The Chartered Institute for the Management of Sport and Physical Activity (CIMSPA), formerly known as the Institute for the Management of Sport and Physical Activity (IMSPA), is the professional body for the United Kingdom's sport and physical activity sector. Based at Loughborough University, it has partnerships with key sporting organisations across the United Kingdom. It is recognised and partnered with Sport England and Sportscotland. It awards chartered status ('Chartered Member' and 'Chartered Fellow') to qualified professionals.
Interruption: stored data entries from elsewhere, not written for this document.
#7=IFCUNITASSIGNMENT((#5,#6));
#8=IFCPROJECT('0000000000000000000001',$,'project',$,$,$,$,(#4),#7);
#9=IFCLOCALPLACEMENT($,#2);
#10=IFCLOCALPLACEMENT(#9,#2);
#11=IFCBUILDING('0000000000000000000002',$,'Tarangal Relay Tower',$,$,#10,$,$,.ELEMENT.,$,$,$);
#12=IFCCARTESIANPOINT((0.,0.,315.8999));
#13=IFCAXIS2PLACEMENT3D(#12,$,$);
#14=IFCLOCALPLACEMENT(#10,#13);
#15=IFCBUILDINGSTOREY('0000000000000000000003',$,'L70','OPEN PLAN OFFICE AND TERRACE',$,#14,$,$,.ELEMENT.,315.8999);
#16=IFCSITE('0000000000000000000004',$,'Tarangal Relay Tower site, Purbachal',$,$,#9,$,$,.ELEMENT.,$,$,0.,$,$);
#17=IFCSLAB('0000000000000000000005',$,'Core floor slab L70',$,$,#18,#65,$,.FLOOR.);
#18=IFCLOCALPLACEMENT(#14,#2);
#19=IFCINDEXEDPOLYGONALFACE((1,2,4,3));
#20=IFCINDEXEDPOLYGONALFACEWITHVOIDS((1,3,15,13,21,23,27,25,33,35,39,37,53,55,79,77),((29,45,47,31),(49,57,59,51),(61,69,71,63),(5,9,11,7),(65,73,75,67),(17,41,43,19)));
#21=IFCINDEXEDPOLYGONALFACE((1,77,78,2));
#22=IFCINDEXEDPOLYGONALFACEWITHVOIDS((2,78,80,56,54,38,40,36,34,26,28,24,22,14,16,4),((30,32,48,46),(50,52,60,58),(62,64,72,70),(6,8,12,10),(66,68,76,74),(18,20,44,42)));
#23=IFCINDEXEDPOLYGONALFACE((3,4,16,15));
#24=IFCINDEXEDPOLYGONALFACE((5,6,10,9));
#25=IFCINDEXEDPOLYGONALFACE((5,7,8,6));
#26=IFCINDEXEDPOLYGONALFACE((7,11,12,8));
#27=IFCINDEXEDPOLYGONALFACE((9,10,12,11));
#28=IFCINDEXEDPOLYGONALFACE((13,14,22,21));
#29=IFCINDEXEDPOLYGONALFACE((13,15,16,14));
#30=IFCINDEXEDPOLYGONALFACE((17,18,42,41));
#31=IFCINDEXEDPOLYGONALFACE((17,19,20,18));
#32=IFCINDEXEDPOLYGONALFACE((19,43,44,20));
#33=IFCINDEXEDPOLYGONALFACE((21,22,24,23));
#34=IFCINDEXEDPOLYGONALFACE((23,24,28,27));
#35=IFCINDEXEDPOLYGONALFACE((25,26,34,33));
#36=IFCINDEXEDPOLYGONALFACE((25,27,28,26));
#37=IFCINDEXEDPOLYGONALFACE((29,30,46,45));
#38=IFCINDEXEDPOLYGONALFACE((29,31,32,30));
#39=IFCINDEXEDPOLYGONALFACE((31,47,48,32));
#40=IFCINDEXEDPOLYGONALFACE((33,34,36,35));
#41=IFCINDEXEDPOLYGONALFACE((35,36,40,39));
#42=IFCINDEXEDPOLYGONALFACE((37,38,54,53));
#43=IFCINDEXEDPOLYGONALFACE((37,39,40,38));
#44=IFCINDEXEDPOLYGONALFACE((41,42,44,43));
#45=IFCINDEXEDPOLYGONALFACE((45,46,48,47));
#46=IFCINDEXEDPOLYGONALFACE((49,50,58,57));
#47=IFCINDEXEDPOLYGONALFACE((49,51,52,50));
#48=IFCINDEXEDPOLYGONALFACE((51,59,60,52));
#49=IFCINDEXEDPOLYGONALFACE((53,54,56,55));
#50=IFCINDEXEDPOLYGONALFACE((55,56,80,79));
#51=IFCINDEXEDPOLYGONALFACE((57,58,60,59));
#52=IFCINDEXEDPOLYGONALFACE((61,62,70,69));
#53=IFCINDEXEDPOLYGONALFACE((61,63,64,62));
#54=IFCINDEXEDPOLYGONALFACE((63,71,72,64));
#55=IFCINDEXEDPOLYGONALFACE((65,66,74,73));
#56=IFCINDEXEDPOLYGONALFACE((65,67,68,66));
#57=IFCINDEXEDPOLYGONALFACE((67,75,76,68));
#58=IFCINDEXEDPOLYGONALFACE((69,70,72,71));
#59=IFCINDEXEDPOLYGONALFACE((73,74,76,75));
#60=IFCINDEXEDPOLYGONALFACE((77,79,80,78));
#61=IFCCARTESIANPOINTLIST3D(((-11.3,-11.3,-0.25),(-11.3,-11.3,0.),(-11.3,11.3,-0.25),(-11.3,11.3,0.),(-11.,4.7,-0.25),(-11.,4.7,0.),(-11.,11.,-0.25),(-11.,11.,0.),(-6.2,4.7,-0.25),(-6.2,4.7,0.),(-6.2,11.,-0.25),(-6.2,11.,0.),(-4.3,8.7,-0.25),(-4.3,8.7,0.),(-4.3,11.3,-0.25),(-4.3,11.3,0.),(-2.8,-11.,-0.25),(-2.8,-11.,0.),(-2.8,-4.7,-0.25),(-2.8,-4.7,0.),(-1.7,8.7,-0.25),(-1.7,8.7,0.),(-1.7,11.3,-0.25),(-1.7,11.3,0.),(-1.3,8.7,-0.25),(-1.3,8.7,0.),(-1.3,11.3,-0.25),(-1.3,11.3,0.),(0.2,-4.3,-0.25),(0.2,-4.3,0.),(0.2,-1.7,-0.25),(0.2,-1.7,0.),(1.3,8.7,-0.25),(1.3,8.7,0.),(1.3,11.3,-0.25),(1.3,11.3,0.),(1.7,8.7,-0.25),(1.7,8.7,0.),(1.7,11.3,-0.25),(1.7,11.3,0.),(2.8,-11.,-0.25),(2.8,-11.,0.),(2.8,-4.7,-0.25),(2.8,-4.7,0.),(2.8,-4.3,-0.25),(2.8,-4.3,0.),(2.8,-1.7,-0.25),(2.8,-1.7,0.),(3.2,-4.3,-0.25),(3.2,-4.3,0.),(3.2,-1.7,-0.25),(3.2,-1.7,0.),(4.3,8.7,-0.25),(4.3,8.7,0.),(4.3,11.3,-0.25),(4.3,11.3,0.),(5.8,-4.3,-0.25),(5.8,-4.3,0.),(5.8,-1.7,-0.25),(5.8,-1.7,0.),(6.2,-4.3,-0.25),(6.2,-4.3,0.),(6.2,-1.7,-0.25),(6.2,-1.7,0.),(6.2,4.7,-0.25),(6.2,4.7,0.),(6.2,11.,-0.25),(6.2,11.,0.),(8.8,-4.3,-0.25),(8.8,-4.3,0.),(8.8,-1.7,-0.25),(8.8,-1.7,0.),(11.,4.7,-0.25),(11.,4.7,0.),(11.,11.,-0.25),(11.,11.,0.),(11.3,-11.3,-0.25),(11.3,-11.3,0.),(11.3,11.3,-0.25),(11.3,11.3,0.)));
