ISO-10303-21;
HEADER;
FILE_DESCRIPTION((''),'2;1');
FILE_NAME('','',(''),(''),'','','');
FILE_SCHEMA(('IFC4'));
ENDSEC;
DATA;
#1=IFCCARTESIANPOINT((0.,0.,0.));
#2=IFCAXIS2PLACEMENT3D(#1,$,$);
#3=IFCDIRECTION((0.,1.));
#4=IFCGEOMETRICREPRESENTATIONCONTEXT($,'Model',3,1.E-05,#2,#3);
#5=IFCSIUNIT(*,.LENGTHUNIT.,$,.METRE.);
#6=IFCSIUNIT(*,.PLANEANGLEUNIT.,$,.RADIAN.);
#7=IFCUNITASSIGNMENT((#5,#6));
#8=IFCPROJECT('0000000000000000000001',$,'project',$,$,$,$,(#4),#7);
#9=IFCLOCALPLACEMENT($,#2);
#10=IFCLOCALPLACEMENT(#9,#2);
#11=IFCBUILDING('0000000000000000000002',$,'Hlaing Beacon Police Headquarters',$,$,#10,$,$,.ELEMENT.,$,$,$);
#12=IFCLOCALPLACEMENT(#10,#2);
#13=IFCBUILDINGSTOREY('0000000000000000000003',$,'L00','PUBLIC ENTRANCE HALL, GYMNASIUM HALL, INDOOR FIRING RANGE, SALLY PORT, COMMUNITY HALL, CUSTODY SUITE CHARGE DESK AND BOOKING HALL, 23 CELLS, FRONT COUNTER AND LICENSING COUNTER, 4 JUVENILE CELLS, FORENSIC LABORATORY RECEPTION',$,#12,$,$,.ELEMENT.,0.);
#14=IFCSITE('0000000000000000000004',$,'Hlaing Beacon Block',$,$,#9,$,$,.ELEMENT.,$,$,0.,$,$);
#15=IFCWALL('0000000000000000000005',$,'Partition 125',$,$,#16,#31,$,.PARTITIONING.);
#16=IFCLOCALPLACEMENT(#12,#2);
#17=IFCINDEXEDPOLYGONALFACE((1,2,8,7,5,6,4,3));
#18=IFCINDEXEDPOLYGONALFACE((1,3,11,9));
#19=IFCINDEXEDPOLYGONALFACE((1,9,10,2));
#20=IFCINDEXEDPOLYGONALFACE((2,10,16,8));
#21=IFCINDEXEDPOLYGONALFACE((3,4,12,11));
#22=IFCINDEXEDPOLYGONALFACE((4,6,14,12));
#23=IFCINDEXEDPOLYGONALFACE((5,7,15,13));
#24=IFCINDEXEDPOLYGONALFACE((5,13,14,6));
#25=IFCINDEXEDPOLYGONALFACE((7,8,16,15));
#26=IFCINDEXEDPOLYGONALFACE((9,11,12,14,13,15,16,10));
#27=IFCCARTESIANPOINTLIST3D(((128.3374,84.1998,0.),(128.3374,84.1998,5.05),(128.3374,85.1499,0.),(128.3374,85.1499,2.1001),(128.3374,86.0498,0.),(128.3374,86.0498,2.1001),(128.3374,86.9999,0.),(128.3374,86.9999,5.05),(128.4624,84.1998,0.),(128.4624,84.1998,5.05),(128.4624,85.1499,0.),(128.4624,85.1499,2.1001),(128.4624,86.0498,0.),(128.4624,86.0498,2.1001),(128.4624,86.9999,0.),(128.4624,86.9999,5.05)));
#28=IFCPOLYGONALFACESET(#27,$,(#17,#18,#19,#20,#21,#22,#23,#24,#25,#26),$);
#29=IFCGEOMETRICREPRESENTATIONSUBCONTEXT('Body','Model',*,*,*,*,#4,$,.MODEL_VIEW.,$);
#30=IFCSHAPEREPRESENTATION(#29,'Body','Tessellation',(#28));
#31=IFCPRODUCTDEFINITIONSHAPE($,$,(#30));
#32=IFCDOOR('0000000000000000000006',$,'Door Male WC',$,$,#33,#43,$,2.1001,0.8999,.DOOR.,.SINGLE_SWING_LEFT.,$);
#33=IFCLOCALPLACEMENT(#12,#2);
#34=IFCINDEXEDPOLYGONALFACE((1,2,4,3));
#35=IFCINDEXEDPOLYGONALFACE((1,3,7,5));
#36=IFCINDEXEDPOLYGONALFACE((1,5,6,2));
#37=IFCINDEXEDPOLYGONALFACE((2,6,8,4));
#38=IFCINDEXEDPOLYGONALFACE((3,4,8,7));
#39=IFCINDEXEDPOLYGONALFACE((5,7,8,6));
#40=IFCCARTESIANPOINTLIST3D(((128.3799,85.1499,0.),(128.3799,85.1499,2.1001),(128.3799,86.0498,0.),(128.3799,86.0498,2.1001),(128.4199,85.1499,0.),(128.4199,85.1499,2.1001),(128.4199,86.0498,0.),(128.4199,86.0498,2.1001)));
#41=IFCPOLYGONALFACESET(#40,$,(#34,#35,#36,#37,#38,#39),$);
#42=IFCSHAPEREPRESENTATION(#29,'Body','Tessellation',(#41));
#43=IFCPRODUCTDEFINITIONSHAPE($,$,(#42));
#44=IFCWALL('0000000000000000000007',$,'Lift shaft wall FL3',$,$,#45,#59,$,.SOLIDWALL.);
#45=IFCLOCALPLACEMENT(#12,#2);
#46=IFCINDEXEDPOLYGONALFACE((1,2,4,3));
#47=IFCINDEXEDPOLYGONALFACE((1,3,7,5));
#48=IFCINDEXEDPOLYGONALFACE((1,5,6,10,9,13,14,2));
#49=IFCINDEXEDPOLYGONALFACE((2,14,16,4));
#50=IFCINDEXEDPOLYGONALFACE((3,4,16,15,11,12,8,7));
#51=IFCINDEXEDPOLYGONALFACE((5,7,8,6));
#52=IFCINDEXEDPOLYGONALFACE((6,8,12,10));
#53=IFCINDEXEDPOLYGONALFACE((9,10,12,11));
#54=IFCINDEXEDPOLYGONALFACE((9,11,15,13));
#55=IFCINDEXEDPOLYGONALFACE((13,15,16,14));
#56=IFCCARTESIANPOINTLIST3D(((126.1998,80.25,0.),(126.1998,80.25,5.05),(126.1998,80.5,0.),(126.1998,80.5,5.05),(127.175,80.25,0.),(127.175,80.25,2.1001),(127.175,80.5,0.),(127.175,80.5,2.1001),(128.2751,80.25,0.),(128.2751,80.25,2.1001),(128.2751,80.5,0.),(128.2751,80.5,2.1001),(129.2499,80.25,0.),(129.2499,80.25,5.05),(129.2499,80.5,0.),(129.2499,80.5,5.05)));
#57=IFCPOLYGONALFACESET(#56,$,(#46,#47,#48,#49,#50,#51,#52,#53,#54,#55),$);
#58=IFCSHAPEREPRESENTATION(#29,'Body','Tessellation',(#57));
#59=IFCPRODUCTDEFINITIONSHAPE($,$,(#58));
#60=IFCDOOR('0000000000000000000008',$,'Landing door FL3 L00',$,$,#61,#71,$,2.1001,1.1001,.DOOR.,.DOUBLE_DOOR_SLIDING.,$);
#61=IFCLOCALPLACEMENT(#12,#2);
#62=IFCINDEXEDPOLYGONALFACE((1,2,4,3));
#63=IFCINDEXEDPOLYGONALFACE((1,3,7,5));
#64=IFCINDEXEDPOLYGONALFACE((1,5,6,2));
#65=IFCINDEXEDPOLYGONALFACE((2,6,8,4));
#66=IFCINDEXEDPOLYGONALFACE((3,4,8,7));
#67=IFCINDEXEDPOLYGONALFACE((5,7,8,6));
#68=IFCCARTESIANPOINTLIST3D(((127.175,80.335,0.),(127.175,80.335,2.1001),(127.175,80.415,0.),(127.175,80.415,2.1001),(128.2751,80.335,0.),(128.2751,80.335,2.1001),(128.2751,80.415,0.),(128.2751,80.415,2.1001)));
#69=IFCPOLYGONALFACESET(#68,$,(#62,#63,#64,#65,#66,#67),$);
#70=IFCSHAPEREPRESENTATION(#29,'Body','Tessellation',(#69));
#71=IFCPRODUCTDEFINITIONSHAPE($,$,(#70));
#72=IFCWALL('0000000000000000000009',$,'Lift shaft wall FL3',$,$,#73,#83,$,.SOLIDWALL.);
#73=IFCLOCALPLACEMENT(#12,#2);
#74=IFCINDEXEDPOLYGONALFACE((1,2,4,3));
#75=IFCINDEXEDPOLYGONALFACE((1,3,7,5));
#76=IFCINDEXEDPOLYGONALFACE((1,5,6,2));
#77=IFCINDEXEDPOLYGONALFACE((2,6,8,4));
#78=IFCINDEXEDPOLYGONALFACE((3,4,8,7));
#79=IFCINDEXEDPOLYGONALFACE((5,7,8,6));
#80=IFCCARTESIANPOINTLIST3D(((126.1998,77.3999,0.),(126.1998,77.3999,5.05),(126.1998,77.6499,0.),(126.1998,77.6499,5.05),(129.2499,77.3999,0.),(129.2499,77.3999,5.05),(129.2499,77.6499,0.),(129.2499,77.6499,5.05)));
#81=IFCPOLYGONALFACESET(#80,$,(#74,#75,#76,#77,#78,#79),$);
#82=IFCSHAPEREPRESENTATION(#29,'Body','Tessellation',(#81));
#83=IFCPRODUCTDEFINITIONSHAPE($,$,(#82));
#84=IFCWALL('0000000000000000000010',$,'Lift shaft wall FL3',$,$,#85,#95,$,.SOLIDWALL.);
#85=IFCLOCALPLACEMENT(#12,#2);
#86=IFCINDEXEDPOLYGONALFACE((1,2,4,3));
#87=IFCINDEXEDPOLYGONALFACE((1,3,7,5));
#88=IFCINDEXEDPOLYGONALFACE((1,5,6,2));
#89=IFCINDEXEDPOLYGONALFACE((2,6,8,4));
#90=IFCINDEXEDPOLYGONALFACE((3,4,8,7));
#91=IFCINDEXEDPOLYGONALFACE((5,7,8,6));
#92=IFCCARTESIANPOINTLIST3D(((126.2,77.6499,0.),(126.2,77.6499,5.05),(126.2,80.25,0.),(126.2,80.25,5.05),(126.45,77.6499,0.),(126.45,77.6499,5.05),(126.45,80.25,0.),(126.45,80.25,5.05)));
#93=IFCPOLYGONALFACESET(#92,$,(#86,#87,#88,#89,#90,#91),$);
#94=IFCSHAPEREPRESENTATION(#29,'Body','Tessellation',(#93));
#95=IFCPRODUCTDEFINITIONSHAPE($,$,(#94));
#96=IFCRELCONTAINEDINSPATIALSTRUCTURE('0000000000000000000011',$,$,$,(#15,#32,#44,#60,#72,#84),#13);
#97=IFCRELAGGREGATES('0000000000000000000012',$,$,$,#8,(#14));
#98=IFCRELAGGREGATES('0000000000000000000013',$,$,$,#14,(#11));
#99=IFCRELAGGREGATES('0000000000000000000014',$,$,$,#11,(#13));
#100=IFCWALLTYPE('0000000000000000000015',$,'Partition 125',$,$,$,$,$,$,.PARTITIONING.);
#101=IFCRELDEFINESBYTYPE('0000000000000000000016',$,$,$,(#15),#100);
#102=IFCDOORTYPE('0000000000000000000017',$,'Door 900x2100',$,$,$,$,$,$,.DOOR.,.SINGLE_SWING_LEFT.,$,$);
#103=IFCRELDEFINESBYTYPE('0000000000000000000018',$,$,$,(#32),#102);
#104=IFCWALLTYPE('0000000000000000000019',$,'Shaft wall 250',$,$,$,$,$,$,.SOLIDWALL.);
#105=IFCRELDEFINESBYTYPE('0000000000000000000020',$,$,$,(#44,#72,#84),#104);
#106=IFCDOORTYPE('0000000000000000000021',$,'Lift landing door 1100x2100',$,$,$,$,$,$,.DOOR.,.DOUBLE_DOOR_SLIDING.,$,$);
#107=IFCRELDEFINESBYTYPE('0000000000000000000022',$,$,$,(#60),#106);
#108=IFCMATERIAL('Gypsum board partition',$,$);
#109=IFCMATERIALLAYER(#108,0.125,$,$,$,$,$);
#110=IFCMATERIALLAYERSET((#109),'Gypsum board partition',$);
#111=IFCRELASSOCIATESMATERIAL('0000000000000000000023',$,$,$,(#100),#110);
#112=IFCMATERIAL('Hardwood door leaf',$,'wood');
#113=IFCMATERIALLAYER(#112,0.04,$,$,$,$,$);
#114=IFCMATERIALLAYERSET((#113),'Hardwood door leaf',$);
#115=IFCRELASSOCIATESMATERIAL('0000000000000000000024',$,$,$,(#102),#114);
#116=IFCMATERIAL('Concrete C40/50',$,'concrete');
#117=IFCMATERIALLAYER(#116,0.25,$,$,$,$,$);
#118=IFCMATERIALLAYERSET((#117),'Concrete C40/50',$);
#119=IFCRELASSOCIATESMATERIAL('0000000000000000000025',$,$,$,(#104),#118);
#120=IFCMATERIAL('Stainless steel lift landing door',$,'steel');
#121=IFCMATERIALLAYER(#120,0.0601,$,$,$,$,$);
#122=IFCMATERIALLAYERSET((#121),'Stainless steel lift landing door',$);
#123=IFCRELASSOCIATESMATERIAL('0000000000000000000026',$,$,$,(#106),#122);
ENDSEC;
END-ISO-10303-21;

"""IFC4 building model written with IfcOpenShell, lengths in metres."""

from ifc_helpers import new_model, si_unit, direction, frame, frame_2d, origin, place, context, subcontext, project, spatial, rectangle, extrude, material, layer, layer_set, type_object, element, fill, save


model = new_model("IFC4")

# Units and contexts
model_context = context("Model", 3, precision=1e-05, world=origin(), true_north=direction((0.0, 1.0)))
body_context = subcontext(model_context, "Body", "Model", "MODEL_VIEW")
ifc_project = project(units=[si_unit("LENGTHUNIT", "METRE"), si_unit("PLANEANGLEUNIT", "RADIAN")], contexts=[model_context])

# Site, building, storey
site_placement = place(None, origin())
site = spatial("IfcSite", under=ifc_project, at=site_placement, Name="Hlaing Beacon Block", CompositionType="ELEMENT", RefElevation=0.0)
building_placement = place(site_placement, origin())
building = spatial("IfcBuilding", under=site, at=building_placement, Name="Hlaing Beacon Police Headquarters", CompositionType="ELEMENT")
storey_placement = place(building_placement, origin())
storey = spatial("IfcBuildingStorey", under=building, at=storey_placement, Name="L00", Description="PUBLIC ENTRANCE HALL, GYMNASIUM HALL, INDOOR FIRING RANGE, SALLY PORT, COMMUNITY HALL, CUSTODY SUITE CHARGE DESK AND BOOKING HALL, 23 CELLS, FRONT COUNTER AND LICENSING COUNTER, 4 JUVENILE CELLS, FORENSIC LABORATORY RECEPTION", CompositionType="ELEMENT", Elevation=0.0)

# Shared definitions
ifc_material_1 = material(Name="Gypsum board partition")
ifc_layer_1 = layer(ifc_material_1, 0.125)
ifc_layer_set_1 = layer_set([ifc_layer_1], Name="Gypsum board partition")
wall_type_1 = type_object("IfcWallType", Name="Partition 125", PredefinedType="PARTITIONING", material=ifc_layer_set_1)

# Walls, openings, doors
ifc_material_2 = material(Name="Hardwood door leaf", Category="wood")
ifc_layer_2 = layer(ifc_material_2, 0.04)
ifc_layer_set_2 = layer_set([ifc_layer_2], Name="Hardwood door leaf")
door_type_1 = type_object("IfcDoorType", Name="Door 900x2100", OperationType="SINGLE_SWING_LEFT", PredefinedType="DOOR", material=ifc_layer_set_2)
wall_1_placement = place(storey_placement, frame((128.3999, 84.2, 0.0), z_axis=(0.0, 0.0, 1.0), x_axis=(0.0, 1.0, 0.0)))
wall_1 = element("IfcWall", 1, at=wall_1_placement, inside=storey, type_object=wall_type_1, Name="Partition 125", PredefinedType="PARTITIONING", context=body_context, shape_type="SweptSolid", body=[
    extrude(rectangle(XDim=2.8, YDim=0.125, at=frame_2d((1.3999, 0.0))), origin(), (0.0, 0.0, 1.0), 5.05),
])
opening_1_placement = place(wall_1_placement, frame((0.95, 0.0, 0.0)))
opening_1 = element("IfcOpeningElement", 2, at=opening_1_placement, cuts=wall_1, PredefinedType="OPENING", context=body_context, shape_type="SweptSolid", body=[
CIMSPA's goals are to establish a new set of professional standards for the sport and physical activity sector, develop an endorsement programme for awarding organisations and training providers, and have the workforce be actively engaged in CIMSPA-accredited continuing professional development.

CIMSPA was formed in 2012 when the IMSPA was awarded a royal charter. Their predecessors are the Institute of Sport and Recreation Management (ISRM), Institute for Leisure and Amenity Management (ILAM) and later Institute for Sport, Parks, and Leisure (ISPAL).

S&PA Professional is the official publication of CIMSPA. The quarterly magazine offers a mix of topical content, including in-depth features, debate on crucial industry issues, training, education and research updates in addition to relevant industry news.

== Membership ==
CIMSPA operates membership pathways for a variety of people working in sport and physical activity.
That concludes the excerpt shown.